Incongruent Headlines: Yet Another Way to Mislead Your Readers
Sophie Chesney | Maria Liakata | Massimo Poesio | Matthew Purver

This paper discusses the problem of incongruent headlines: those which do not accurately represent the information contained in the article with which they occur. We emphasise that this phenomenon should be considered separately from recognised problematic headline types such as clickbait and sensationalism, arguing that existing natural language processing (NLP) methods applied to these related concepts are not appropriate for the automatic detection of headline incongruence, as an analysis beyond stylistic traits is necessary. We therefore suggest a number of alternative methodologies that may be appropriate to the task at hand as a foundation for future work in this area. In addition, we provide an analysis of existing data sets which are related to this work, and motivate the need for a novel data set in this domain.

Unsupervised Event Clustering and Aggregation from Newswire and Web Articles
Swen Ribeiro | Olivier Ferret | Xavier Tannier

In this paper, we present an unsupervised pipeline approach for clustering news articles based on identified event instances in their content. We leverage press agency newswire and monolingual word alignment techniques to build meaningful and linguistically varied clusters of articles from the web in the perspective of a broader event type detection task. We validate our approach on a manually annotated corpus of Web articles.

Semantic Storytelling, Cross-lingual Event Detection and other Semantic Services for a Newsroom Content Curation Dashboard
Julian Moreno-Schneider | Ankit Srivastava | Peter Bourgonje | David Wabnitz | Georg Rehm

We present a prototypical content curation dashboard, to be used in the newsroom, and several of its underlying semantic content analysis components (such as named entity recognition, entity linking, summarisation and temporal expression analysis). The idea is to enable journalists (a) to process incoming content (agency reports, twitter feeds, reports, blog posts, social media etc.) and (b) to create new articles more easily and more efficiently. The prototype system also allows the automatic annotation of events in incoming content for the purpose of supporting journalists in identifying important, relevant or meaningful events and also to adapt the content currently in production accordingly in a semi-automatic way. One of our long-term goals is to support journalists building up entire storylines with automatic means. In the present prototype they are generated in a backend service using clustering methods that operate on the extracted events.

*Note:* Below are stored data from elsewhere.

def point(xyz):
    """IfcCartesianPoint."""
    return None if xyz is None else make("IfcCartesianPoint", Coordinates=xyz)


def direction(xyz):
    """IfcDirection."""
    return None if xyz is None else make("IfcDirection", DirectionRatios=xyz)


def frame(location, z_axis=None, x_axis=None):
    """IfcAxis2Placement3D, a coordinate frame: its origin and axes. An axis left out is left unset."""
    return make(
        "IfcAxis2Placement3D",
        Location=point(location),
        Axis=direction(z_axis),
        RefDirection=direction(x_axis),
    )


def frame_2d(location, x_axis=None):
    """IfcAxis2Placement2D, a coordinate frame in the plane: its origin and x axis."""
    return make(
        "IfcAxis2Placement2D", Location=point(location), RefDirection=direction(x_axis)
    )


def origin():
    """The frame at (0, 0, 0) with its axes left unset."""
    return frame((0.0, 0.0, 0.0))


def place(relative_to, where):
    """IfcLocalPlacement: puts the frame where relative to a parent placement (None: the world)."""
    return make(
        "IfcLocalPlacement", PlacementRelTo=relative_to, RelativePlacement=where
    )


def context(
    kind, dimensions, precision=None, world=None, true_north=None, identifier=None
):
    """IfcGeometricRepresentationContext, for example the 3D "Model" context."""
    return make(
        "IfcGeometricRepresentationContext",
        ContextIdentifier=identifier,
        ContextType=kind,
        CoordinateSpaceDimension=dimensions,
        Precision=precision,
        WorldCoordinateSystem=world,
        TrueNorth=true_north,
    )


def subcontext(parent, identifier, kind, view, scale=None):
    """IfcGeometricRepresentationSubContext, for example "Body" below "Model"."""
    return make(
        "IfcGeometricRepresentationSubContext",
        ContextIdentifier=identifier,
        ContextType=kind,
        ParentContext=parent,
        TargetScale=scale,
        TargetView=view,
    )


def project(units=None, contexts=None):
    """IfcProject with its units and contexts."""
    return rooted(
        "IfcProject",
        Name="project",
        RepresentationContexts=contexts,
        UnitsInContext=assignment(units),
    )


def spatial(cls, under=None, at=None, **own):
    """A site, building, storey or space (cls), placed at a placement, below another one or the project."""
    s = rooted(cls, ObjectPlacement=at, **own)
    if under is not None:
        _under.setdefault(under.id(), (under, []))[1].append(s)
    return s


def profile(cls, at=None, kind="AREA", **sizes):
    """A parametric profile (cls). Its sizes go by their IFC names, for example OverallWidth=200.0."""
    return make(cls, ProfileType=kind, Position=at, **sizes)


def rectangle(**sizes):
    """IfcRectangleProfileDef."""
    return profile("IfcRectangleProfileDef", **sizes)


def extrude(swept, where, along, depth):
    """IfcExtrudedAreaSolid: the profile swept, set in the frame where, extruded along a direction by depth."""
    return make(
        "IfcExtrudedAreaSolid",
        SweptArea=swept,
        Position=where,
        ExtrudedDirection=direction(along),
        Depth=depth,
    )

Deception Detection in News Reports in the Russian Language: Lexics and Discourse
Dina Pisarevskaya

News verification and automated fact checking tend to be very important issues in our world. The research is initial. We collected a corpus for Russian (174 news reports, truthful and fake ones). We held two experiments, for both we applied SVMs algorithm (linear/rbf kernel) and Random Forest to classify the news reports into 2 classes: truthful/deceptive. In the first experiment, we used 18 markers on lexics level, mostly frequencies of POS tags in texts. In the second experiment, on discourse level we used frequencies of rhetorical relations types in texts. The classification task in the first experiment is solved better by SVMs (rbf kernel) (f-measure 0.65). The model based on RST features shows best results with Random Forest Classifier (f-measure 0.54) and should be modified. In the next research, the combination of different deception detection markers for the Russian language should be taken in order to make a better predictive model.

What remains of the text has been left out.